Background
If the aim of the Lotus Elan M100 was to save the company, the Elise was the car that actually managed to do so. First unveiled in 1996 and still in production today, the original Elise weighs as little as 723kgs, which is crazily light.
This absence of mass was achievable through two main engineering strands: the first was to use aluminium to build the car from. Extruded aluminium sections were glued and riveted together and then reinforced by the addition of flat aluminium panels. Aluminium is strong and light anyway, but it makes for a very light but stiff structure when it is used in this way, and so allows the suspension to do its thing without being undermined by a constantly flexing chassis that has a tendency to alter the geometry.

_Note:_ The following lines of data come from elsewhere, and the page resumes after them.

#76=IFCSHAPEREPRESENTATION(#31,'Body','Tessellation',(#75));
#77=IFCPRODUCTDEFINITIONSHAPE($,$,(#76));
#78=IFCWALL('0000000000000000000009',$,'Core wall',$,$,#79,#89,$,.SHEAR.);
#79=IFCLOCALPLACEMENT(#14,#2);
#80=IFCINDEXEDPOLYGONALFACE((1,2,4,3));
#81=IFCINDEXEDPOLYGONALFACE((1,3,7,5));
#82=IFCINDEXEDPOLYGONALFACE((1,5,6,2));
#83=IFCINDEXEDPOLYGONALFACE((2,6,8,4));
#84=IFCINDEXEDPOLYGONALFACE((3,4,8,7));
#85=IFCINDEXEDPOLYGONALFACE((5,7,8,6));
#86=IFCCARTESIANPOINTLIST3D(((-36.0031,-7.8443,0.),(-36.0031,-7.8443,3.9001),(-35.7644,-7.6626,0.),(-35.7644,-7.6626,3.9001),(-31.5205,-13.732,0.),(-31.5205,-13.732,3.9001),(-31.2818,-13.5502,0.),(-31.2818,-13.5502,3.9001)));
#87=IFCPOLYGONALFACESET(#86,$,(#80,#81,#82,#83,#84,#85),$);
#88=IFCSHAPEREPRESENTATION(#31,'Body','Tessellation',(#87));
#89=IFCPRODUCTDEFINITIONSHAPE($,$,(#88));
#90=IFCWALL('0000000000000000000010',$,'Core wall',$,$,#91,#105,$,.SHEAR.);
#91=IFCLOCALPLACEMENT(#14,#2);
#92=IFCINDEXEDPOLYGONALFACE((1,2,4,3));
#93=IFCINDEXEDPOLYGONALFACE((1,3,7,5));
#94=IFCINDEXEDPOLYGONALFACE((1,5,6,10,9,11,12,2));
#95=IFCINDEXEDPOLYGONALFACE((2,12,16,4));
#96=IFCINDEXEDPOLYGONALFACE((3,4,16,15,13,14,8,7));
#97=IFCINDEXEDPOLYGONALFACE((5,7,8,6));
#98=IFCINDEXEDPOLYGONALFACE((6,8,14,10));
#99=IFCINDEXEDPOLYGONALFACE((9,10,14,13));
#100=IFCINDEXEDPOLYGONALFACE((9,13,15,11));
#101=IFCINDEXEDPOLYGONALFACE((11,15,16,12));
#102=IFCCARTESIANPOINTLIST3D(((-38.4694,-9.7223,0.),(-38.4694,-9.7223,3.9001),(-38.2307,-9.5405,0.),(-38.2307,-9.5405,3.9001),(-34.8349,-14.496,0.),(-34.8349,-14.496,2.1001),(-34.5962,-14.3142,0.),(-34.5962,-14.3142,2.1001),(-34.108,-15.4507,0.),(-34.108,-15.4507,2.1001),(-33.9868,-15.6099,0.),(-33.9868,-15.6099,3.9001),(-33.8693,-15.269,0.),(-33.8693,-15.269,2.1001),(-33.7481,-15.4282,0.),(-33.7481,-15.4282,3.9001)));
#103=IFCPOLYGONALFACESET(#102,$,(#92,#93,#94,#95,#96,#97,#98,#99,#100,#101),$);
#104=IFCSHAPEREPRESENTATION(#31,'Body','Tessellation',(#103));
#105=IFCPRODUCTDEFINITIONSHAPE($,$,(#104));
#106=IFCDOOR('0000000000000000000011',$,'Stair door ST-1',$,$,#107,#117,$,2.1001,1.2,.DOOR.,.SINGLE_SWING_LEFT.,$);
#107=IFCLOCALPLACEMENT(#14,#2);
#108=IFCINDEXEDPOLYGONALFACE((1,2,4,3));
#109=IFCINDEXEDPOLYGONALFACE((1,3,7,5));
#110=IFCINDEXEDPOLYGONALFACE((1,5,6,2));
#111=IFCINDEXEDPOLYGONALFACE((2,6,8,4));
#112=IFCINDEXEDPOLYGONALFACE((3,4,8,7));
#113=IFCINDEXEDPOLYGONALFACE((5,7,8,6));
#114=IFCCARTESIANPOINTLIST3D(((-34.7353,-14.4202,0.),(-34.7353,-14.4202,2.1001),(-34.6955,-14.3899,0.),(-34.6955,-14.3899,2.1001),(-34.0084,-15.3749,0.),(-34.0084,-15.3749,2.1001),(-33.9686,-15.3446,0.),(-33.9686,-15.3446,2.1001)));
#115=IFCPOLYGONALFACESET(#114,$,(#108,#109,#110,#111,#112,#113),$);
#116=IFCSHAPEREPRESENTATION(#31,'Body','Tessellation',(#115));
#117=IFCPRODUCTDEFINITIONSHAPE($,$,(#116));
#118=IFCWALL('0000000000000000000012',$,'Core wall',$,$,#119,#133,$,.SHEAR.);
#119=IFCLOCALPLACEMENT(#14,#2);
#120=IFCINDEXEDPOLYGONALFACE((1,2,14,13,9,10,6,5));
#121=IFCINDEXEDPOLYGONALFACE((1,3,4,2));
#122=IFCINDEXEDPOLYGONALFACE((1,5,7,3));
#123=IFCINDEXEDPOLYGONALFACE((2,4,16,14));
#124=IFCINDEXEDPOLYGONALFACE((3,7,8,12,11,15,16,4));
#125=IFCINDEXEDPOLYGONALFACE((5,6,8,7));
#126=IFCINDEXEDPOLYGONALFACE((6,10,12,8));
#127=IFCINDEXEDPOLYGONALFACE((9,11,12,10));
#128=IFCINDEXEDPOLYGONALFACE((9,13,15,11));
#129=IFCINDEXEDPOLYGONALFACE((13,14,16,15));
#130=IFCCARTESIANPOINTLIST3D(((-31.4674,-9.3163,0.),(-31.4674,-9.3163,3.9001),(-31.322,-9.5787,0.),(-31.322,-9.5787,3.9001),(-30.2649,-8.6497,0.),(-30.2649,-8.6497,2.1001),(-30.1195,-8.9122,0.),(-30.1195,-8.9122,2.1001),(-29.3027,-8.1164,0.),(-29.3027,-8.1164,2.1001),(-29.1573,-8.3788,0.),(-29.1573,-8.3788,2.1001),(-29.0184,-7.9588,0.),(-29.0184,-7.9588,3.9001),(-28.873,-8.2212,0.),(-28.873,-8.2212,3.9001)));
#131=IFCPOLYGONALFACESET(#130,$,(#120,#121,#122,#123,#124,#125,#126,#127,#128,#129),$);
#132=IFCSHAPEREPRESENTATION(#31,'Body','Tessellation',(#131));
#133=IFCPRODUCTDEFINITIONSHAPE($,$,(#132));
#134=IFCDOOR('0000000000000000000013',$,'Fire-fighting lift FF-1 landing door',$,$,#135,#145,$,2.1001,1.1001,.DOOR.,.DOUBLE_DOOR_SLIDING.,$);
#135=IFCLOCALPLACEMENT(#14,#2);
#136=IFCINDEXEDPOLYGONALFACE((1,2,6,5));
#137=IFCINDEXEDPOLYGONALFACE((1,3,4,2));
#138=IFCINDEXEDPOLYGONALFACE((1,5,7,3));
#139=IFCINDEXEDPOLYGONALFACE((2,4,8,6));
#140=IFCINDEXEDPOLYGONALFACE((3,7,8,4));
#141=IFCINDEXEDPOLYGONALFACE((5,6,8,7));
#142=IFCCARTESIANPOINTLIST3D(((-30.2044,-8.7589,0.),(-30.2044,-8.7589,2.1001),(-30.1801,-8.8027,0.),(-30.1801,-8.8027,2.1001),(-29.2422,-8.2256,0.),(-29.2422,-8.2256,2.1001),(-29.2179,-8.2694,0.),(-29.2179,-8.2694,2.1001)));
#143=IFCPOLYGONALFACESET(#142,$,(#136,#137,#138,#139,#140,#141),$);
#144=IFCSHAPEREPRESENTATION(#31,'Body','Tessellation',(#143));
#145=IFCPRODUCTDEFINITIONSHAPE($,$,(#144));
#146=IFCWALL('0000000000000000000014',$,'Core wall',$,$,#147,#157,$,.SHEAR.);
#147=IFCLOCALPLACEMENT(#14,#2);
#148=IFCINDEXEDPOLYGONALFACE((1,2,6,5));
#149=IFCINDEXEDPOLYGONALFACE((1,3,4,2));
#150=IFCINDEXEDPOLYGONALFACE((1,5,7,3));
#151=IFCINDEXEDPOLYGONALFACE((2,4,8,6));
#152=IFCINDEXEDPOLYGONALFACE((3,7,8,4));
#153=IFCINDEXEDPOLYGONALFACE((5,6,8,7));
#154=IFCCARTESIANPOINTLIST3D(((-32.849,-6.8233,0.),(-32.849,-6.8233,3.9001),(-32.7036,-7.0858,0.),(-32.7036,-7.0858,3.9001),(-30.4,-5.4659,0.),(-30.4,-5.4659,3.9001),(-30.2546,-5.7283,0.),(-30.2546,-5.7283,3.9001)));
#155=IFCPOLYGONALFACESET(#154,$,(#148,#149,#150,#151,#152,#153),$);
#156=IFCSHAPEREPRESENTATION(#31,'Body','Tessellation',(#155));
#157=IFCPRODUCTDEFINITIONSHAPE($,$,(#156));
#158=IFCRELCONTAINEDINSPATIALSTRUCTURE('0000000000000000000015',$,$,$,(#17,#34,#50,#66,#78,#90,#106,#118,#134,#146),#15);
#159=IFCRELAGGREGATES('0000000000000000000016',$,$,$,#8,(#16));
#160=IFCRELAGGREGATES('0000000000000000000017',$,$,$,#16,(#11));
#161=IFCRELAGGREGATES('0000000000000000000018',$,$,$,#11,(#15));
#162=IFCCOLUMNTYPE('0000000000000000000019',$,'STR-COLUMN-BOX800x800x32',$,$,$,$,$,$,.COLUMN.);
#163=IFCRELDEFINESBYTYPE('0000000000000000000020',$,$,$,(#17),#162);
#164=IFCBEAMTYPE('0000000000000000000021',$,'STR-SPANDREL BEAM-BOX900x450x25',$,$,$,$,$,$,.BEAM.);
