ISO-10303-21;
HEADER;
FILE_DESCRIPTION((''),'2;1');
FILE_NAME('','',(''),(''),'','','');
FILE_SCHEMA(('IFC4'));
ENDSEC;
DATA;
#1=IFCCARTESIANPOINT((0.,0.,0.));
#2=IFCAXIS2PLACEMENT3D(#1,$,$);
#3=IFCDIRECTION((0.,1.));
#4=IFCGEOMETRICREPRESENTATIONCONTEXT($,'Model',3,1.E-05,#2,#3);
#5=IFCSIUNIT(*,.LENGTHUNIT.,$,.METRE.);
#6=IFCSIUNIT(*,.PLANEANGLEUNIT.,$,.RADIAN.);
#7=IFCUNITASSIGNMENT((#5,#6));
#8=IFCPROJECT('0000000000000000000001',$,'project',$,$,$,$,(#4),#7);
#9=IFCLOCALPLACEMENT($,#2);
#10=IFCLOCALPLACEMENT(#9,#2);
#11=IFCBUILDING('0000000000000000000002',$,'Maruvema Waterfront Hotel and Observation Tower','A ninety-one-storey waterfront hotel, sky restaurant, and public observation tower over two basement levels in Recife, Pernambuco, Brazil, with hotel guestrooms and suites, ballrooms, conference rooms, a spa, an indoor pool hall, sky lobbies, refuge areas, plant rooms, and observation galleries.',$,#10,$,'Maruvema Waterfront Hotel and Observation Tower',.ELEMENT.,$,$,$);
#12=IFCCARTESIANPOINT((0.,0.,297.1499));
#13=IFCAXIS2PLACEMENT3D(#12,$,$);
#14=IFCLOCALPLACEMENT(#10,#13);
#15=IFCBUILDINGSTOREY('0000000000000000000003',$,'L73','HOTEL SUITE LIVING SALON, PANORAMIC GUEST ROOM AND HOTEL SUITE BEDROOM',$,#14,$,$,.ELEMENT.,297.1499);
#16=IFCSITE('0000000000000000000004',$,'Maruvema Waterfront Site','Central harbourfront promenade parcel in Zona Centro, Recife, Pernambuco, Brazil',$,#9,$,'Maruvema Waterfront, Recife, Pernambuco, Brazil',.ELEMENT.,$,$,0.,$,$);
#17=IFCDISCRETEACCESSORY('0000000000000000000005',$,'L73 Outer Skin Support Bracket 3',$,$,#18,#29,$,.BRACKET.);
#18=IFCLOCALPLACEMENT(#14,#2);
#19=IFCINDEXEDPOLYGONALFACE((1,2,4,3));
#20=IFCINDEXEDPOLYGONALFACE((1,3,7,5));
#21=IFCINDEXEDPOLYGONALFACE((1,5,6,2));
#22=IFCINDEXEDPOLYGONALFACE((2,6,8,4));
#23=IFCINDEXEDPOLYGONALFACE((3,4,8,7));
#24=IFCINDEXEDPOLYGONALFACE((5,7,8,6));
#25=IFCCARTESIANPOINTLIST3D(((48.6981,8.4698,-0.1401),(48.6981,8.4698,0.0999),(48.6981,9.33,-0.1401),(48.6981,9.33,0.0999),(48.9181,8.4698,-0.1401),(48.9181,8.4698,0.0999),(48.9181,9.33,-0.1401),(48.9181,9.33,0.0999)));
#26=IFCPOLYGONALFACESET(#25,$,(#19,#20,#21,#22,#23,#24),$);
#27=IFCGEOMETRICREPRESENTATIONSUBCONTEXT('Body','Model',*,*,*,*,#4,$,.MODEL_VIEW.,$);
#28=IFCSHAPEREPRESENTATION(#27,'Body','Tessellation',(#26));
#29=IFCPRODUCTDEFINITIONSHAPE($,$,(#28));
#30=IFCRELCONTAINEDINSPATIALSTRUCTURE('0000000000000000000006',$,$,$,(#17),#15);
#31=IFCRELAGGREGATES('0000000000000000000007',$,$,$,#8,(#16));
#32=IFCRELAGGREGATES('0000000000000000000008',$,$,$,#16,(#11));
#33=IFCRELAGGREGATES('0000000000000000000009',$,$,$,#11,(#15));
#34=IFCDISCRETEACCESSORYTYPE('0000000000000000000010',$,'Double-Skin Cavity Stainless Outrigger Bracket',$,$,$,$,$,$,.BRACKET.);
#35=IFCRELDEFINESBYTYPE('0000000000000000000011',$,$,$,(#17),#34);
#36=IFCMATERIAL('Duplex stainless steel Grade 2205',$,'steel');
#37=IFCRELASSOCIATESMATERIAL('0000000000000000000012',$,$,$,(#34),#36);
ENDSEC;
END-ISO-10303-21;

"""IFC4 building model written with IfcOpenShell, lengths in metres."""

from ifc_helpers import new_model, si_unit, direction, frame, origin, origin_2d, place, context, subcontext, project, spatial, rectangle, extrude, material, type_object, element, save


model = new_model("IFC4")

# Units and contexts
model_context = context("Model", 3, precision=1e-05, world=origin(), true_north=direction((0.0, 1.0)))
body_context = subcontext(model_context, "Body", "Model", "MODEL_VIEW")
ifc_project = project(units=[si_unit("LENGTHUNIT", "METRE"), si_unit("PLANEANGLEUNIT", "RADIAN")], contexts=[model_context])

# Site, building, storey
site_placement = place(None, origin())
site = spatial("IfcSite", under=ifc_project, at=site_placement, Name="Maruvema Waterfront Site", Description="Central harbourfront promenade parcel in Zona Centro, Recife, Pernambuco, Brazil", LongName="Maruvema Waterfront, Recife, Pernambuco, Brazil", CompositionType="ELEMENT", RefElevation=0.0)
building_placement = place(site_placement, origin())
building = spatial("IfcBuilding", under=site, at=building_placement, Name="Maruvema Waterfront Hotel and Observation Tower", Description="A ninety-one-storey waterfront hotel, sky restaurant, and public observation tower over two basement levels in Recife, Pernambuco, Brazil, with hotel guestrooms and suites, ballrooms, conference rooms, a spa, an indoor pool hall, sky lobbies, refuge areas, plant rooms, and observation galleries.", LongName="Maruvema Waterfront Hotel and Observation Tower", CompositionType="ELEMENT")
storey_placement = place(building_placement, frame((0.0, 0.0, 297.1499)))
storey = spatial("IfcBuildingStorey", under=building, at=storey_placement, Name="L73", Description="HOTEL SUITE LIVING SALON, PANORAMIC GUEST ROOM AND HOTEL SUITE BEDROOM", CompositionType="ELEMENT", Elevation=297.1499)

# Discrete accessory
ifc_material_1 = material(Name="Duplex stainless steel Grade 2205", Category="steel")
discrete_accessory_type = type_object("IfcDiscreteAccessoryType", Name="Double-Skin Cavity Stainless Outrigger Bracket", PredefinedType="BRACKET", material=ifc_material_1)
discrete_accessory_placement = place(storey_placement, frame((48.8081, 8.8999, -0.1401), z_axis=(0.0, 0.0, 1.0), x_axis=(1.0, 0.0, 0.0)))
element("IfcDiscreteAccessory", 1, at=discrete_accessory_placement, inside=storey, type_object=discrete_accessory_type, Name="L73 Outer Skin Support Bracket 3", PredefinedType="BRACKET", context=body_context, shape_type="SweptSolid", body=[
    extrude(rectangle(XDim=0.22, YDim=0.8601, at=origin_2d()), origin(), (0.0, 0.0, 1.0), 0.24),
])

save(model, "model.ifc")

The second strand was to give it bugger all in terms of equipment. This latter trait is entirely in keeping with Colin Chapman’s philosophy of “simplify, and then add lightness.”
Designed by Julian Thomson and Richard Rackham, the original cars were powered by a Rover K-Series engine - but even the 118bhp of the first models gave a power-to-weight ratio that was sufficient to see 62mph coming up in around six seconds.
And while the Elise’s top speed was a relatively poor-on-paper 126mph, the way it got there was what hooks owners, even today; knee-high to a grasshopper, the Elise connected the driver to the road in a way that no-one bar Caterham owners had experienced for a very long time.
And boy, do they handle. A low centre-of-gravity, supple but firmly damped suspension, and an absence of mass conspires with super-direct steering to give a level of handling and roadholding that streets ahead of most road cars.
Its tyres are narrower than you might expect, but they grip hard and when they do let go they do so in a progressive way that is easy to catch. Drivers need only a modicum of talent to drive an Elise quickly; it’s the ones with no talent and a lack of commonsense that tend to come unstuck…
The very first Elises used Metal Matrix Composite (MMC) brakes. Featherlight and resistant to fade, they’re made from silicon carbide aluminium. They work well but were expensive to make, which led Lotus to drop them in favour of conventional steel brake discs. This had the unfortunate side-effect of driving Lanxide Corp, the makers, into administration, which means that new replacements are all but impossible to find.